E’ ufficiale! Si sono ottenuti finanziamenti per sovvenzionare la ricerca con l’impegno economico che onorerà i nostri ricercatori al pari degli altri ricercatori europei, incanalando le attenzioni su alcuni punti.

Sperimentare il primo farmaco per ‘curare’ le cellule staminali del cuore danneggiate dal diabete: e’ questo l’obiettivo della ricerca italiana promossa con 360.000 euro dalla Fondazione Lilly e dalla Fondazione Monte dei Paschi di Siena. La borsa di studio e’ stata consegnata oggi a Roma ad Anna Leonardini, dell’universita’ di Bari.
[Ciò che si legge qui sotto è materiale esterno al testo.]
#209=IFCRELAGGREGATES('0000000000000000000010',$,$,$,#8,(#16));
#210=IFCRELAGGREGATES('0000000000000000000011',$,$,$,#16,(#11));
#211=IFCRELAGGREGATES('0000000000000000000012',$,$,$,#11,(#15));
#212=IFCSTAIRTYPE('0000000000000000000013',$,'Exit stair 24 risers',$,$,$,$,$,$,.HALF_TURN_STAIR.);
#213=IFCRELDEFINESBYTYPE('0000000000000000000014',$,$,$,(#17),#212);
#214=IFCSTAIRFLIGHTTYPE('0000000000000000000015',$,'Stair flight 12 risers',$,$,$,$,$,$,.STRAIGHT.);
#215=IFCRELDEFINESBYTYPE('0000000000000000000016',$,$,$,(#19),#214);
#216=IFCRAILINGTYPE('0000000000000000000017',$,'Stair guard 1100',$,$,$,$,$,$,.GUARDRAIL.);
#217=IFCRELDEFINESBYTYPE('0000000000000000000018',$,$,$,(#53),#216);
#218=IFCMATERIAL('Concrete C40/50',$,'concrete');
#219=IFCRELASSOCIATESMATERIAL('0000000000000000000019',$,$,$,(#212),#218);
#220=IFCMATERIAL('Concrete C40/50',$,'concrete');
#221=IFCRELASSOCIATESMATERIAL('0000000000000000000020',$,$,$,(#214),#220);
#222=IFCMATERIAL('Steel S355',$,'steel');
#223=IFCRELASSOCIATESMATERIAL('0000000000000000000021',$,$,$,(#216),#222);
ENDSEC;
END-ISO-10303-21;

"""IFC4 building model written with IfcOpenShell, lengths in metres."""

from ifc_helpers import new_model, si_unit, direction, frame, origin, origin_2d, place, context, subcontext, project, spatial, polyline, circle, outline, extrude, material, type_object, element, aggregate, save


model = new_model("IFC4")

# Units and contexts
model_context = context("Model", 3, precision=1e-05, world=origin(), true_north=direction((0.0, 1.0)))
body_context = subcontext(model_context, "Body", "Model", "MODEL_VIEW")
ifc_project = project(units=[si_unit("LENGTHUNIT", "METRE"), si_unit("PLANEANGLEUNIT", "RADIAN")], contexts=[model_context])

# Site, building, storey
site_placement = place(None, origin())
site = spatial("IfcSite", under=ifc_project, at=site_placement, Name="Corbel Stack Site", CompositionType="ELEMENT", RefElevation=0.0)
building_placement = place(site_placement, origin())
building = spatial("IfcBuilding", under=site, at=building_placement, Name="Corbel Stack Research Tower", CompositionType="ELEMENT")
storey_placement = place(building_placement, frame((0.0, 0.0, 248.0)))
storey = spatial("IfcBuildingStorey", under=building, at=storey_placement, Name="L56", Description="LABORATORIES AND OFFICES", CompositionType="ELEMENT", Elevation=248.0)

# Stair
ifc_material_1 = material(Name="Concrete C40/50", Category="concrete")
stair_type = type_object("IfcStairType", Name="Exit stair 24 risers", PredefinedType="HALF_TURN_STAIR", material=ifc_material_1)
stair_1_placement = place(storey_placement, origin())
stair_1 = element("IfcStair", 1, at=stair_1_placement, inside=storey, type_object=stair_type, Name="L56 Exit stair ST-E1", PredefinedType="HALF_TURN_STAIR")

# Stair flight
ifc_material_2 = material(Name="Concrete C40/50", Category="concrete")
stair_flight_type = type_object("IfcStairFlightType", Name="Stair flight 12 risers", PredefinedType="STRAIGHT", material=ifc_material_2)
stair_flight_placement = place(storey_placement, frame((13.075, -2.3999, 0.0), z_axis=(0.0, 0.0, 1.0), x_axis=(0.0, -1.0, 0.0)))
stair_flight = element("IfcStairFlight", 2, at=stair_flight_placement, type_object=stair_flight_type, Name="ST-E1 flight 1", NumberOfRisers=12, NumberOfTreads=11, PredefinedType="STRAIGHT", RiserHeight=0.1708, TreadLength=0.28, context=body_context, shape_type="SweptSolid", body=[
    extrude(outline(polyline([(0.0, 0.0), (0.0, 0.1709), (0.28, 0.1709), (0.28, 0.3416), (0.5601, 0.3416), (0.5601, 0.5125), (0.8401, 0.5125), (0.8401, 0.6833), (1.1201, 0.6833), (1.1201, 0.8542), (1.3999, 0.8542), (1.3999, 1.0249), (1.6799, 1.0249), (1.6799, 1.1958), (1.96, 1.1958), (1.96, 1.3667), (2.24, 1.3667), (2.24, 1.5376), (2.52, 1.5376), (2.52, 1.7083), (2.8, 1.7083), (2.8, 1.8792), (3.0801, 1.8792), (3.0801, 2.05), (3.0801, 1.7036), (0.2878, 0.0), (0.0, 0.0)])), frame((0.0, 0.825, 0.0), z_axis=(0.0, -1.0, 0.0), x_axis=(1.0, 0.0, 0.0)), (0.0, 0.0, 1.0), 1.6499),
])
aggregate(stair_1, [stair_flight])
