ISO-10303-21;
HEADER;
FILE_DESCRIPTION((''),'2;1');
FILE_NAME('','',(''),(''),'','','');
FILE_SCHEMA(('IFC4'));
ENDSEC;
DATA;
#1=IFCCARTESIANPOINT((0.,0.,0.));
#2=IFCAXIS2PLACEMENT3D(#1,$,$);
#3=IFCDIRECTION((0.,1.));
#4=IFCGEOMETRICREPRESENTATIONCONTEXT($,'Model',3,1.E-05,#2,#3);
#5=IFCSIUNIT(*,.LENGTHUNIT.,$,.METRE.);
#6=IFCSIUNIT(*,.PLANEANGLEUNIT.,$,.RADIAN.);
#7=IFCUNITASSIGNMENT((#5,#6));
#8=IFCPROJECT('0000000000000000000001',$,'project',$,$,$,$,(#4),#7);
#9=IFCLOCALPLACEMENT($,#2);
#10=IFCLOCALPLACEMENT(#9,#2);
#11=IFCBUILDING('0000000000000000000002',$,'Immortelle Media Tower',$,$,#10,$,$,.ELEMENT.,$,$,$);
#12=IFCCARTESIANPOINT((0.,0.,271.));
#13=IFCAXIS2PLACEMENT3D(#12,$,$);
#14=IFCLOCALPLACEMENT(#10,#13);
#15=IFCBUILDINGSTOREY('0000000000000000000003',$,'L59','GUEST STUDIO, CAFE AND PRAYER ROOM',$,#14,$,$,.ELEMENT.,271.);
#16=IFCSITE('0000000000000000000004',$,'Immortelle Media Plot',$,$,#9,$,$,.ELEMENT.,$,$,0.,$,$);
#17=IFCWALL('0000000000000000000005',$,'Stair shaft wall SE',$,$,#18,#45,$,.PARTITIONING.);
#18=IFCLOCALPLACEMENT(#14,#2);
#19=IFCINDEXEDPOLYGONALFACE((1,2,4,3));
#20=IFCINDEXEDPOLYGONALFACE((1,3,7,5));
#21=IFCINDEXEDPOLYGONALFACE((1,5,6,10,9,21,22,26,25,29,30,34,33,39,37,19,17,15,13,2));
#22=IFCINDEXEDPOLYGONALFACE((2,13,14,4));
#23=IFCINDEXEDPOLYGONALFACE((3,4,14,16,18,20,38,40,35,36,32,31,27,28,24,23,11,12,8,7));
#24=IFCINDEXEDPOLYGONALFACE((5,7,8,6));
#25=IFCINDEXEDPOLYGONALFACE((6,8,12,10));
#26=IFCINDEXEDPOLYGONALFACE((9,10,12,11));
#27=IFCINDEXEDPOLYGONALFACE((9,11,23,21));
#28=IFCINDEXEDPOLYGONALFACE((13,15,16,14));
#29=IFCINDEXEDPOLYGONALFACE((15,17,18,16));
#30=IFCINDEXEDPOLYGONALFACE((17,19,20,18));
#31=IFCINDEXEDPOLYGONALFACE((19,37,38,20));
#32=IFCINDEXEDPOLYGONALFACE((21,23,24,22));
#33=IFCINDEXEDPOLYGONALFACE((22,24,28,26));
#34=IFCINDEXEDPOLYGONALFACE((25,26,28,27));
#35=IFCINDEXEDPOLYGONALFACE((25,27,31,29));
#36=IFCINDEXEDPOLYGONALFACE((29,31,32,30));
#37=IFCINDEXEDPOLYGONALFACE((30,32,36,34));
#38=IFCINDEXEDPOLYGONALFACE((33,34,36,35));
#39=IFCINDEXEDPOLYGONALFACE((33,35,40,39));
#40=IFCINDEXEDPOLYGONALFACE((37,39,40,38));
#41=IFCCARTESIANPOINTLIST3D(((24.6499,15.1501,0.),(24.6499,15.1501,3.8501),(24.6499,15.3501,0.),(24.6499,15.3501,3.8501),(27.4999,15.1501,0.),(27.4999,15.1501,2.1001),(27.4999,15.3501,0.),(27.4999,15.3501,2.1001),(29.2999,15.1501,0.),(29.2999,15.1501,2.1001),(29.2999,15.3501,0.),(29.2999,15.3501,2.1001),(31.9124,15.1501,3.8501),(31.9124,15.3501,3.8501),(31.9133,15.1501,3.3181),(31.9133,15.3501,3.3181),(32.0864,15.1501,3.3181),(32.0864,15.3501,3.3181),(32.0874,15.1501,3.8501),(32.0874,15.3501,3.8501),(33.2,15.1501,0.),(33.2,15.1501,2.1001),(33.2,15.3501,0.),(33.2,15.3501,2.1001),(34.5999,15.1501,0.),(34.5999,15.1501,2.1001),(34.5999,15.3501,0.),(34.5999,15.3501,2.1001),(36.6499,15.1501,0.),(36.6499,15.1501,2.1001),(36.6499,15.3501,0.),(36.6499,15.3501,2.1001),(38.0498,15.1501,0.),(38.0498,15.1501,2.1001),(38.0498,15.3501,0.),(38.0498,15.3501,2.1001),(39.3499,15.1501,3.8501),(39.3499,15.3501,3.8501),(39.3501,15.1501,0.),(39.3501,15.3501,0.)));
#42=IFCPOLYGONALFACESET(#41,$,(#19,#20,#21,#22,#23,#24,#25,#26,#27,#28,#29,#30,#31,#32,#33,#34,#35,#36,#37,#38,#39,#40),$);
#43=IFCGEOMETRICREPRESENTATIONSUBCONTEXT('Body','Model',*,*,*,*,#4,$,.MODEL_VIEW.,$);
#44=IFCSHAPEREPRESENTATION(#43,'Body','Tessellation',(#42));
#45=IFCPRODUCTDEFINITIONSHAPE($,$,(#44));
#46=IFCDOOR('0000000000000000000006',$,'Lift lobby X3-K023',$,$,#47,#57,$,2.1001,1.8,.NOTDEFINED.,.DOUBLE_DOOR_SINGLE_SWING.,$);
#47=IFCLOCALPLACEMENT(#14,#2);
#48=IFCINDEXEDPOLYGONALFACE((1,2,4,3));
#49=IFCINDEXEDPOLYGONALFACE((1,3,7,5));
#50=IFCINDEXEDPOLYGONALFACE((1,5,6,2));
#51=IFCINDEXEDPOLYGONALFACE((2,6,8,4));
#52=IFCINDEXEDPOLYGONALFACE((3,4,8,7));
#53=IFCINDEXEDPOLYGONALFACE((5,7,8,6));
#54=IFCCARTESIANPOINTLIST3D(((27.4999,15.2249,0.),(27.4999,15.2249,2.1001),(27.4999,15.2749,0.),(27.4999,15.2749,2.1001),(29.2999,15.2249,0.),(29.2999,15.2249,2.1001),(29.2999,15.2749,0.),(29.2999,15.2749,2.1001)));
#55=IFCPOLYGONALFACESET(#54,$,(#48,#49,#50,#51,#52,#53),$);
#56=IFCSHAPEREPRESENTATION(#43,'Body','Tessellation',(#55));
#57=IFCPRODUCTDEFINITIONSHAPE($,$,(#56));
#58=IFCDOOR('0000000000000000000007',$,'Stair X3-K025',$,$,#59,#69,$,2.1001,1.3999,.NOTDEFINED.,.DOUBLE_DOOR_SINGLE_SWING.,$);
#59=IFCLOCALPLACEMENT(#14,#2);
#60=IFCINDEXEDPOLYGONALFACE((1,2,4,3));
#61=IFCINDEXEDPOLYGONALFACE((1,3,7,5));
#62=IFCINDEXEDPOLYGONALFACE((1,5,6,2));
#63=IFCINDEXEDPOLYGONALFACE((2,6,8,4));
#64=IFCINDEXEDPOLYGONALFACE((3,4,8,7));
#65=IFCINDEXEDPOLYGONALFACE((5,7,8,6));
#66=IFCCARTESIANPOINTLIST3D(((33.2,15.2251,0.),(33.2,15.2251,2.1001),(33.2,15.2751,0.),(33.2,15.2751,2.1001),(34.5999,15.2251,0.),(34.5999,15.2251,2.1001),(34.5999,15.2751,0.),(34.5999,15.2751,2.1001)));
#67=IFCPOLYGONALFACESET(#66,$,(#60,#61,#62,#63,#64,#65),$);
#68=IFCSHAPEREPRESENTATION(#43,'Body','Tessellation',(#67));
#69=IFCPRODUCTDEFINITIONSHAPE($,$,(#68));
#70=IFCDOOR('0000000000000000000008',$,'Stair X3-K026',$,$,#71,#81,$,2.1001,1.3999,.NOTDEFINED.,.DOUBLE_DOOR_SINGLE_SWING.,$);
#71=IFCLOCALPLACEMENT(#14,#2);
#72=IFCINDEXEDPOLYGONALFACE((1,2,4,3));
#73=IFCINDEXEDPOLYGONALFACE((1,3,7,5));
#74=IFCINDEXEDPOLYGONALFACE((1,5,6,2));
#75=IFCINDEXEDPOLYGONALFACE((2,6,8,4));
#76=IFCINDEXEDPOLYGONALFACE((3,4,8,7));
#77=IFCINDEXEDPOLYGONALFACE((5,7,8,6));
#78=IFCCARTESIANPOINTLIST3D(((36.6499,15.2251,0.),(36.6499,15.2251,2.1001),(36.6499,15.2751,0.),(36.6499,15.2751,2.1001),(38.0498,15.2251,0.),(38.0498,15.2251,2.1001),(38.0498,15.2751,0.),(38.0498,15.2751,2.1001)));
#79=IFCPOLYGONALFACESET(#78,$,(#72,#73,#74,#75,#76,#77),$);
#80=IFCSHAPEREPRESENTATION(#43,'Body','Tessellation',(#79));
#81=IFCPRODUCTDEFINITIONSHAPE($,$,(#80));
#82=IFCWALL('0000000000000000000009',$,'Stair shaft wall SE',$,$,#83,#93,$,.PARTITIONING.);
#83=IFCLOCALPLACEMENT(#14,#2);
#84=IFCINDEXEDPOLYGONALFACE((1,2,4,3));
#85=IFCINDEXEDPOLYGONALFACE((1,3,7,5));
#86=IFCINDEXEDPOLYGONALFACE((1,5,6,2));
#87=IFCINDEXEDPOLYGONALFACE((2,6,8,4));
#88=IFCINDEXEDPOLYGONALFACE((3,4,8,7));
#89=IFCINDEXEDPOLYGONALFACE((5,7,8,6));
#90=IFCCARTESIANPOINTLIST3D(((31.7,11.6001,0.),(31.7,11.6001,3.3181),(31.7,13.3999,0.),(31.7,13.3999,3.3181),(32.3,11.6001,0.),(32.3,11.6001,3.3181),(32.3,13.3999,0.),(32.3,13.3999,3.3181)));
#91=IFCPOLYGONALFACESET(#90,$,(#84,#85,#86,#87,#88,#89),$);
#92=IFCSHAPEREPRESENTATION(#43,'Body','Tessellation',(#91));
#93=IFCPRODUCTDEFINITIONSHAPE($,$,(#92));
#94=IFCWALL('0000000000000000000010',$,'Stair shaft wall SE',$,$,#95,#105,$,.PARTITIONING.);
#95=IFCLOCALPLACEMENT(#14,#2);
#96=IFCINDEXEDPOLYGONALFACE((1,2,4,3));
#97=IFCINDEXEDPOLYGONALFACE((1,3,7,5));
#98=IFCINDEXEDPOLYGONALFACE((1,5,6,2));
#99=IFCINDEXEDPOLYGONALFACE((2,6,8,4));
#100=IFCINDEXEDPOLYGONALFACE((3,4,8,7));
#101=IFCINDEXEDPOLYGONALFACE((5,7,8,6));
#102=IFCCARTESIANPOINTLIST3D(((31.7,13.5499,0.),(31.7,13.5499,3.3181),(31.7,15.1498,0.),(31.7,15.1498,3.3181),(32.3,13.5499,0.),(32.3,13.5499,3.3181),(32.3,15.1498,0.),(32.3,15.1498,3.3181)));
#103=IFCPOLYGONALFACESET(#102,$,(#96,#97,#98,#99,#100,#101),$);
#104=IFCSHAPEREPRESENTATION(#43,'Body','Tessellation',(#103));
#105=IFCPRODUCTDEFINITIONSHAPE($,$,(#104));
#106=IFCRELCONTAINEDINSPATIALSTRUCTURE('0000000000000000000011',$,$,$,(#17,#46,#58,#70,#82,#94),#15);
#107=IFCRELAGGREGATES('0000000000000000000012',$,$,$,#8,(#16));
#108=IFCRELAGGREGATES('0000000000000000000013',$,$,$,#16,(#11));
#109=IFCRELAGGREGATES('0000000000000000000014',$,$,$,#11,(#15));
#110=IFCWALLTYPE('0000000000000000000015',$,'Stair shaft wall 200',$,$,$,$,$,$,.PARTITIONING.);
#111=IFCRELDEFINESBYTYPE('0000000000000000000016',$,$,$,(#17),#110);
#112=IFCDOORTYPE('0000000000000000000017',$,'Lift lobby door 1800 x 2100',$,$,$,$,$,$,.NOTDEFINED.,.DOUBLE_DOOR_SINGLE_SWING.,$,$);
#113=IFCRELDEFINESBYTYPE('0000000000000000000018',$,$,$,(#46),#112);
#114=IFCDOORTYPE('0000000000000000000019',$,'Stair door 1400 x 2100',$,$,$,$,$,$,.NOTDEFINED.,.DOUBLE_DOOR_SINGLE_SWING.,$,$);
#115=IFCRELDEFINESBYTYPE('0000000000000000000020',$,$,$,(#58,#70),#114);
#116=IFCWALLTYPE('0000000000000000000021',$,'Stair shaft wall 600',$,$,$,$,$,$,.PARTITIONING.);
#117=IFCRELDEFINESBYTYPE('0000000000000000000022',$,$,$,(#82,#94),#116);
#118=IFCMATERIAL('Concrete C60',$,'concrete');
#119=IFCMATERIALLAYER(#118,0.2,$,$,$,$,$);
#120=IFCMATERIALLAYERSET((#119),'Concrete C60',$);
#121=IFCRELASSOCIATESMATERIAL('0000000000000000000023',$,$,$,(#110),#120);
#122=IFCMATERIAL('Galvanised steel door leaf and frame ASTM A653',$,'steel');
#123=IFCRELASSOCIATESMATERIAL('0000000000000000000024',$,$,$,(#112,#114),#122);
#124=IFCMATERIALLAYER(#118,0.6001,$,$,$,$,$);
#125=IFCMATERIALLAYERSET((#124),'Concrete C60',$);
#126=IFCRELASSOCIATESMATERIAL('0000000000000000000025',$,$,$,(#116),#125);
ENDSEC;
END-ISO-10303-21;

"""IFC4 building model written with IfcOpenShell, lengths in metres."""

from ifc_helpers import new_model, si_unit, direction, frame, frame_2d, origin, place, context, subcontext, project, spatial, polyline, rectangle, outline, extrude, material, layer, layer_set, type_object, element, fill, save


model = new_model("IFC4")

# Units and contexts
model_context = context("Model", 3, precision=1e-05, world=origin(), true_north=direction((0.0, 1.0)))
body_context = subcontext(model_context, "Body", "Model", "MODEL_VIEW")
ifc_project = project(units=[si_unit("LENGTHUNIT", "METRE"), si_unit("PLANEANGLEUNIT", "RADIAN")], contexts=[model_context])

# Site, building, storey
site_placement = place(None, origin())
site = spatial("IfcSite", under=ifc_project, at=site_placement, Name="Immortelle Media Plot", CompositionType="ELEMENT", RefElevation=0.0)
building_placement = place(site_placement, origin())
building = spatial("IfcBuilding", under=site, at=building_placement, Name="Immortelle Media Tower", CompositionType="ELEMENT")
storey_placement = place(building_placement, frame((0.0, 0.0, 271.0)))
storey = spatial("IfcBuildingStorey", under=building, at=storey_placement, Name="L59", Description="GUEST STUDIO, CAFE AND PRAYER ROOM", CompositionType="ELEMENT", Elevation=271.0)

# Shared definitions
ifc_material_1 = material(Name="Galvanised steel door leaf and frame ASTM A653", Category="steel")

# Wall, openings, doors
ifc_material_2 = material(Name="Concrete C60", Category="concrete")
ifc_layer_1 = layer(ifc_material_2, 0.2)
ifc_layer_set_1 = layer_set([ifc_layer_1], Name="Concrete C60")
wall_type_1 = type_object("IfcWallType", Name="Stair shaft wall 200", PredefinedType="PARTITIONING", material=ifc_layer_set_1)
wall_1_placement = place(storey_placement, frame((24.6499, 15.25, 0.0), z_axis=(0.0, 0.0, 1.0), x_axis=(1.0, 0.0, 0.0)))
wall_1 = element("IfcWall", 1, at=wall_1_placement, inside=storey, type_object=wall_type_1, Name="Stair shaft wall SE", PredefinedType="PARTITIONING", context=body_context, shape_type="SweptSolid", body=[
    extrude(outline(polyline([(0.0, 0.0), (14.7002, 0.0), (14.7, 3.8501), (7.4375, 3.8501), (7.4365, 3.3181), (7.2634, 3.3181), (7.2625, 3.8501), (0.0, 3.8501), (0.0, 0.0)])), frame((0.0, 0.1001, 0.0), z_axis=(0.0, -1.0, 0.0), x_axis=(1.0, 0.0, 0.0)), (0.0, 0.0, 1.0), 0.2),
])
opening_1_placement = place(wall_1_placement, frame((2.8501, 0.0, 0.0)))
opening_1 = element("IfcOpeningElement", 2, at=opening_1_placement, cuts=wall_1, PredefinedType="OPENING", context=body_context, shape_type="SweptSolid", body=[
    extrude(rectangle(XDim=1.8, YDim=2.1001, at=frame_2d((0.8999, 1.05))), frame((0.0, 0.1099, 0.0), z_axis=(0.0, -1.0, 0.0), x_axis=(1.0, 0.0, 0.0)), (0.0, 0.0, 1.0), 0.22),
])
opening_2_placement = place(wall_1_placement, frame((9.95, 0.0, 0.0), z_axis=(0.0, 0.0, 1.0), x_axis=(-1.0, 0.0, 0.0)))
opening_2 = element("IfcOpeningElement", 3, at=opening_2_placement, cuts=wall_1, PredefinedType="OPENING", context=body_context, shape_type="SweptSolid", body=[
    extrude(rectangle(XDim=1.3999, YDim=2.1001, at=frame_2d((0.7, 1.05))), frame((0.0, 0.1099, 0.0), z_axis=(0.0, -1.0, 0.0), x_axis=(1.0, 0.0, 0.0)), (0.0, 0.0, 1.0), 0.22),
])
opening_3_placement = place(wall_1_placement, frame((13.3999, 0.0, 0.0), z_axis=(0.0, 0.0, 1.0), x_axis=(-1.0, 0.0, 0.0)))
opening_3 = element("IfcOpeningElement", 4, at=opening_3_placement, cuts=wall_1, PredefinedType="OPENING", context=body_context, shape_type="SweptSolid", body=[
La borsa permette un finanziamento pari a 90.000 euro l’anno per quattro anni, 45.000 dei quali per lo stipendio della giovane ricercatrice (una cifra allineata con le retribuzioni dei ricercatori europei) e 45.000 per il progetto di ricerca.

Diabete e malattie cardiovascolari sono il tema di questa prima borsa; la prossima, presentata oggi, e’ dedicata alla ricerca sui tumori. L’obiettivo e’ capire se funzionano anche sul cuore i nuovi farmaci che riducono la glicemia, comunemente utilizzati nei pazienti diabetici, ha spiegato Anna Leonardini. Il suo progetto di ricerca prevede la possibilita’ di isolare le cellule staminali del cuore da frammenti di tessuto (di circa 4 millimetri quadrati) prelevati da persone sane e da pazienti diabetici. Quindi le cellule staminali vengono immerse in un mezzo di coltura ricco di zuccheri e sostanze nutrienti, dove possono vivere ed essere utilizzate per i test. Il primo passo sara’ confrontare le cellule staminali cardiache delle persone sane con quelle di persone diabetiche. Quindi, ha proseguito la ricercatrice, si prevede di ricreare attorno alle cellule sane un ambiente il piu’ possibile simile a quello in cui vivono le cellule cardiache di una persona con il diabete: ‘vogliamo riuscire a mimare questo ambiente, creando per esempio una situazione di iperglicemia, ed osservare se nelle cellule normali vengono provocati eventuali danni’. Il passo ulteriore sara’ verificare se farmaci analoghi all’ormone Glp-1 (prodotto naturalmente nell’intestino e che induce la produzione di insulina nel pancreas) proteggono le cellule del cuore.

Per Francesco Giorgino, a capo del gruppo di ricerca dell’universita’ di Bari del quale fa parte Anna Leonardini, una delle novita’ della ricerca e’ che ‘si fa in laboratorio, ma su cellule umane prelevate da persone sane e da malati di diabete’. E soprattutto, ha aggiunto, la ricerca ‘intende valutare gli effetti di alcuni farmaci sulle cellule staminali’, considerando ‘gia’ queste cellule come sede di una patologia, vale a dire che gli effetti del diabete potrebbero gia’ presentarsi nelle cellule staminali’.